You can see the error on the pipeline screen after adding a file with a Japanese name.

https://bitbucket.org/youworks/sonarcloud_jpname/src/master/

Hi @uda ,

This is great, I will take a look in our logs today and see if we can do something about this for you. Either way i’ll come back and let you know my findings.

Hi @uda ,

An update for you, I was able to recreate the issue you are experiencing, I am currently investigating to see what is possible here. I’ll try and update again for you soon.

Shane

Thank you for your investigation. Glad to hear reports that you were able to reproduce it.

HI @uda,

I have been taking a further look into this issue with a colleague, we have tried many combinations using different character sets to try and find a working setup for you. We should be able to specify the working characterset for the sonarcloud analysis by setting /d:sonar.sourceEncoding=UTF-8 in the parameters and also potentially by setting the java params - export JAVA_TOOL_OPTIONS="-Dfile.encoding=UTF8 -Dsun.jnu.encoding=UTF8" . I do now see the file now being processed, however as you can see this is still throwing an error in the process

Caused by: java.nio.file.InvalidPathException: Malformed input or input contains unmappable characters: /opt/atlassian/pipelines/agent/build/日本語ファイル名.txt

Unfortunately, as these failures are still occurring you will need to continue to change the files for now. I believe that there is some issue lower down in the code that is potentially not not handling these other character sets, this will however require some deeper investigation.

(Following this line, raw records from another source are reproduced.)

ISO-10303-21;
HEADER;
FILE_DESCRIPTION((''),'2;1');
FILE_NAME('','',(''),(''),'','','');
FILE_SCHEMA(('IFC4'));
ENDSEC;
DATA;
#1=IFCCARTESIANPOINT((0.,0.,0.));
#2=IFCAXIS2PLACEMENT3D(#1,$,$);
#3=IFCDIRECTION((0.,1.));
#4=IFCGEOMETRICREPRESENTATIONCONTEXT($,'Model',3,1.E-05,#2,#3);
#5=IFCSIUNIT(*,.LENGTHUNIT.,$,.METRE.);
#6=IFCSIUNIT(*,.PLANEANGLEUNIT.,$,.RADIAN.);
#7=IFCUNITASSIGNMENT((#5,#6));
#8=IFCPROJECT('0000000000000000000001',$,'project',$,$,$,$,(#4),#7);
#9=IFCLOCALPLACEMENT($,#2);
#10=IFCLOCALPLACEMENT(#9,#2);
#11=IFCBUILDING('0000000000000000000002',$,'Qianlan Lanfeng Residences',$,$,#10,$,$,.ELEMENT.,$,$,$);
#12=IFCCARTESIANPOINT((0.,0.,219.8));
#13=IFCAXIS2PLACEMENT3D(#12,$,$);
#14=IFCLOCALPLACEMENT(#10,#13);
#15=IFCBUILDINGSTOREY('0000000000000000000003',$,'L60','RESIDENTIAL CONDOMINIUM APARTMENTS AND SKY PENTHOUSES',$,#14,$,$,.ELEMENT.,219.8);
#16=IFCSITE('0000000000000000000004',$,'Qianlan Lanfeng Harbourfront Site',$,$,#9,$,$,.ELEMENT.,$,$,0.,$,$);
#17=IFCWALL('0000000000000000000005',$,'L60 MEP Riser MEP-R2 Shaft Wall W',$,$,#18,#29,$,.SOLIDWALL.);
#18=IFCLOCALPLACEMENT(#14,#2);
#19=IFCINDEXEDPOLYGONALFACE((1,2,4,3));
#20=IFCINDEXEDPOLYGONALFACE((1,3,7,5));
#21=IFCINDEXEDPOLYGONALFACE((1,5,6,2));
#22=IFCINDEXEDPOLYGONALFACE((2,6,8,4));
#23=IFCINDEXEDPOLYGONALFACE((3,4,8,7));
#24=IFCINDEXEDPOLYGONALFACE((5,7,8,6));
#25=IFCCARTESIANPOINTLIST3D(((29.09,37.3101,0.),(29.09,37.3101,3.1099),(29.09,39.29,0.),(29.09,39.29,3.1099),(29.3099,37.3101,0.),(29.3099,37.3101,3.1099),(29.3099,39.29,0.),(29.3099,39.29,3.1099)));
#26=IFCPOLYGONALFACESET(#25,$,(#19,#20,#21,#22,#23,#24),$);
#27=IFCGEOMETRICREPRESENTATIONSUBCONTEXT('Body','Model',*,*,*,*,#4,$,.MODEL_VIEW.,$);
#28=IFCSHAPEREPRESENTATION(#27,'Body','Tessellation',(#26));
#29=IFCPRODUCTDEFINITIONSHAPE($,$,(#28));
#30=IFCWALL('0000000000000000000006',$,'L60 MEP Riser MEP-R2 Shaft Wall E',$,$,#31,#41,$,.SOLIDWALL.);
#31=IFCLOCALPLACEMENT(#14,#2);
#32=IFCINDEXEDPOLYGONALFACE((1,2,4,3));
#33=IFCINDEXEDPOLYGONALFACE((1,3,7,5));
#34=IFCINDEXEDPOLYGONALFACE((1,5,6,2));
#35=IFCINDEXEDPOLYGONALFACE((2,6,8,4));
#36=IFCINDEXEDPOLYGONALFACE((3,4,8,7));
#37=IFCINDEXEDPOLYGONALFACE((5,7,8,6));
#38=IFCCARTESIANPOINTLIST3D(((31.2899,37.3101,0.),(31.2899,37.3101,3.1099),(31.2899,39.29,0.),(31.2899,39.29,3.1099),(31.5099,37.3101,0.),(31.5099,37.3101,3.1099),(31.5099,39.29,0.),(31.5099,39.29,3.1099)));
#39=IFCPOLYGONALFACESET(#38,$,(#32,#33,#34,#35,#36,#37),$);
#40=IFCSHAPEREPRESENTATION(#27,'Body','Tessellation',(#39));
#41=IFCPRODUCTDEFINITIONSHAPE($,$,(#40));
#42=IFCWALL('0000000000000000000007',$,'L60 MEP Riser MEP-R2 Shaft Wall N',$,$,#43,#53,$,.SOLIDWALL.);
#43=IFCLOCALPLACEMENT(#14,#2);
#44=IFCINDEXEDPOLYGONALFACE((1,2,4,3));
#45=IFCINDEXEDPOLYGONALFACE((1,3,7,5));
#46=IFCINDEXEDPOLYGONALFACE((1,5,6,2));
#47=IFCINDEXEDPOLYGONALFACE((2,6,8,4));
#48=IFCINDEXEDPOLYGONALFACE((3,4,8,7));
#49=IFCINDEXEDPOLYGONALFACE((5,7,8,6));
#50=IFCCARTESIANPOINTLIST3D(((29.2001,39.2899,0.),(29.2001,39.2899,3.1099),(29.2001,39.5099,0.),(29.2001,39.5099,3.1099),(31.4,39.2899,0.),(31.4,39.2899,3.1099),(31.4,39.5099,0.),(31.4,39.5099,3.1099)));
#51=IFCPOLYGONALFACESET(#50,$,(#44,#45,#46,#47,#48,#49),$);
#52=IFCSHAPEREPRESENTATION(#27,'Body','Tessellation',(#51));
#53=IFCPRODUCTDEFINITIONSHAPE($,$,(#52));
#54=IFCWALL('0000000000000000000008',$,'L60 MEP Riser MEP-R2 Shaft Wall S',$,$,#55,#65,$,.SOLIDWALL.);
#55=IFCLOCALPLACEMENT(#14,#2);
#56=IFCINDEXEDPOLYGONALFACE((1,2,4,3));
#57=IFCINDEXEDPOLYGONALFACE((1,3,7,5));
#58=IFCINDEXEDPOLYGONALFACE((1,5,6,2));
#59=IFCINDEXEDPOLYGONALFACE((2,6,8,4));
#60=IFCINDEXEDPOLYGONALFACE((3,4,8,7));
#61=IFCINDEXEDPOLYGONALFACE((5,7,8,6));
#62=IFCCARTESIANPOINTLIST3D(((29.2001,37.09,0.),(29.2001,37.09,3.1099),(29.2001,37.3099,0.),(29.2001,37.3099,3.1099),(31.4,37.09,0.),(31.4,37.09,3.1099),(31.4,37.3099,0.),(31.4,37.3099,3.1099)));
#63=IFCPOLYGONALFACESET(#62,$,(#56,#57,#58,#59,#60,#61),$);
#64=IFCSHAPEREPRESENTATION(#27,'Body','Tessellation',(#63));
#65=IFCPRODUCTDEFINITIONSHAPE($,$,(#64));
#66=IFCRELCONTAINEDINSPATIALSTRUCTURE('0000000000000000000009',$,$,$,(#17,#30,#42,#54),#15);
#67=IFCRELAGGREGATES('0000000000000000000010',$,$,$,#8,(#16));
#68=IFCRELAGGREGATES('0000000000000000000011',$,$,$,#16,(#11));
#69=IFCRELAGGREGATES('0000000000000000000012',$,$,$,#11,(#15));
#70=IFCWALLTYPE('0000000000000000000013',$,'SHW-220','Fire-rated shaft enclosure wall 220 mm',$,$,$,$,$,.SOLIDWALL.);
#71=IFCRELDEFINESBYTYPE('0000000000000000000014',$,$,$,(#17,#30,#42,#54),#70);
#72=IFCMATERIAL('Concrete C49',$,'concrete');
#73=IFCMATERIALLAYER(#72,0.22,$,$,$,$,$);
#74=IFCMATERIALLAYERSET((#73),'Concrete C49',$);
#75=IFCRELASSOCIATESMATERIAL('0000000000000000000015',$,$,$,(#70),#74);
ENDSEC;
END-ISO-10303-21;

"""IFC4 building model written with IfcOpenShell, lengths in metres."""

from ifc_helpers import new_model, si_unit, direction, frame, frame_2d, origin, place, context, subcontext, project, spatial, rectangle, extrude, material, layer, layer_set, type_object, element, save


model = new_model("IFC4")

# Units and contexts
model_context = context("Model", 3, precision=1e-05, world=origin(), true_north=direction((0.0, 1.0)))
body_context = subcontext(model_context, "Body", "Model", "MODEL_VIEW")
ifc_project = project(units=[si_unit("LENGTHUNIT", "METRE"), si_unit("PLANEANGLEUNIT", "RADIAN")], contexts=[model_context])

# Site, building, storey
site_placement = place(None, origin())
site = spatial("IfcSite", under=ifc_project, at=site_placement, Name="Qianlan Lanfeng Harbourfront Site", CompositionType="ELEMENT", RefElevation=0.0)
building_placement = place(site_placement, origin())
building = spatial("IfcBuilding", under=site, at=building_placement, Name="Qianlan Lanfeng Residences", CompositionType="ELEMENT")
storey_placement = place(building_placement, frame((0.0, 0.0, 219.8)))
storey = spatial("IfcBuildingStorey", under=building, at=storey_placement, Name="L60", Description="RESIDENTIAL CONDOMINIUM APARTMENTS AND SKY PENTHOUSES", CompositionType="ELEMENT", Elevation=219.8)

# Walls
ifc_material_1 = material(Name="Concrete C49", Category="concrete")
ifc_layer_1 = layer(ifc_material_1, 0.22)
ifc_layer_set_1 = layer_set([ifc_layer_1], Name="Concrete C49")
wall_type_1 = type_object("IfcWallType", Name="SHW-220", Description="Fire-rated shaft enclosure wall 220 mm", PredefinedType="SOLIDWALL", material=ifc_layer_set_1)
for number, where, z_axis, x_axis, name in (
    (1, (29.2, 37.3101, 0.0), (0.0, 0.0, 1.0), (0.0, 1.0, 0.0), "L60 MEP Riser MEP-R2 Shaft Wall W"),
    (2, (31.3999, 37.3101, 0.0), (0.0, 0.0, 1.0), (0.0, 1.0, 0.0), "L60 MEP Riser MEP-R2 Shaft Wall E"),
):
    element("IfcWall", number, at=place(storey_placement, frame(where, z_axis=z_axis, x_axis=x_axis)), inside=storey, type_object=wall_type_1, Name=name, PredefinedType="SOLIDWALL", context=body_context, shape_type="SweptSolid", body=[
        extrude(rectangle(XDim=1.98, YDim=0.22, at=frame_2d((0.99, 0.0))), origin(), (0.0, 0.0, 1.0), 3.1099),
    ])
for number, where, z_axis, x_axis, name in (
    (3, (29.2, 39.3999, 0.0), (0.0, 0.0, 1.0), (1.0, 0.0, 0.0), "L60 MEP Riser MEP-R2 Shaft Wall N"),
    (4, (29.2, 37.2, 0.0), (0.0, 0.0, 1.0), (1.0, 0.0, 0.0), "L60 MEP Riser MEP-R2 Shaft Wall S"),
):
    element("IfcWall", number, at=place(storey_placement, frame(where, z_axis=z_axis, x_axis=x_axis)), inside=storey, type_object=wall_type_1, Name=name, PredefinedType="SOLIDWALL", context=body_context, shape_type="SweptSolid", body=[
        extrude(rectangle(XDim=2.2, YDim=0.22, at=frame_2d((1.1001, 0.0))), origin(), (0.0, 0.0, 1.0), 3.1099),
    ])

save(model, "model.ifc")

Thank you for your ongoing support and investigation into the software issue. We appreciate your efforts in resolving the issue.

1 Like

@shane.findley

Please allow me to share the results of our additional internal investigation.
.NET 6.0 container image does not include Japanese language. We also found that the method of specifying the source code encoding to SonarScanner for .NET was incorrect. After correcting these issues, the error has been resolved. Specifically, we made the following changes

  1. Specify LANG for Locale installation
apt-get update
apt-get install --yes locales-all
export LANG="en_US.UTF-8"
  1. Specify `/d: “sonar.sourceEncoding” as an argument to the dotnet sonarscanner command
dotnet sonarscanner begin .... /d: "sonar.sourceEncoding=UTF-8"

See: youworks / sonarcloud_jpname / Compare — Bitbucket

2 Likes

HI @uda,

I am very glad to hear that you managed to find the source of the issue and thank you very much for sharing your findings with us. I will arrange for this information to be added to our troubleshooting documentation as I can imagine that other users could easily experience a similar situation.

2 Likes

This topic was automatically closed 7 days after the last reply. New replies are no longer allowed.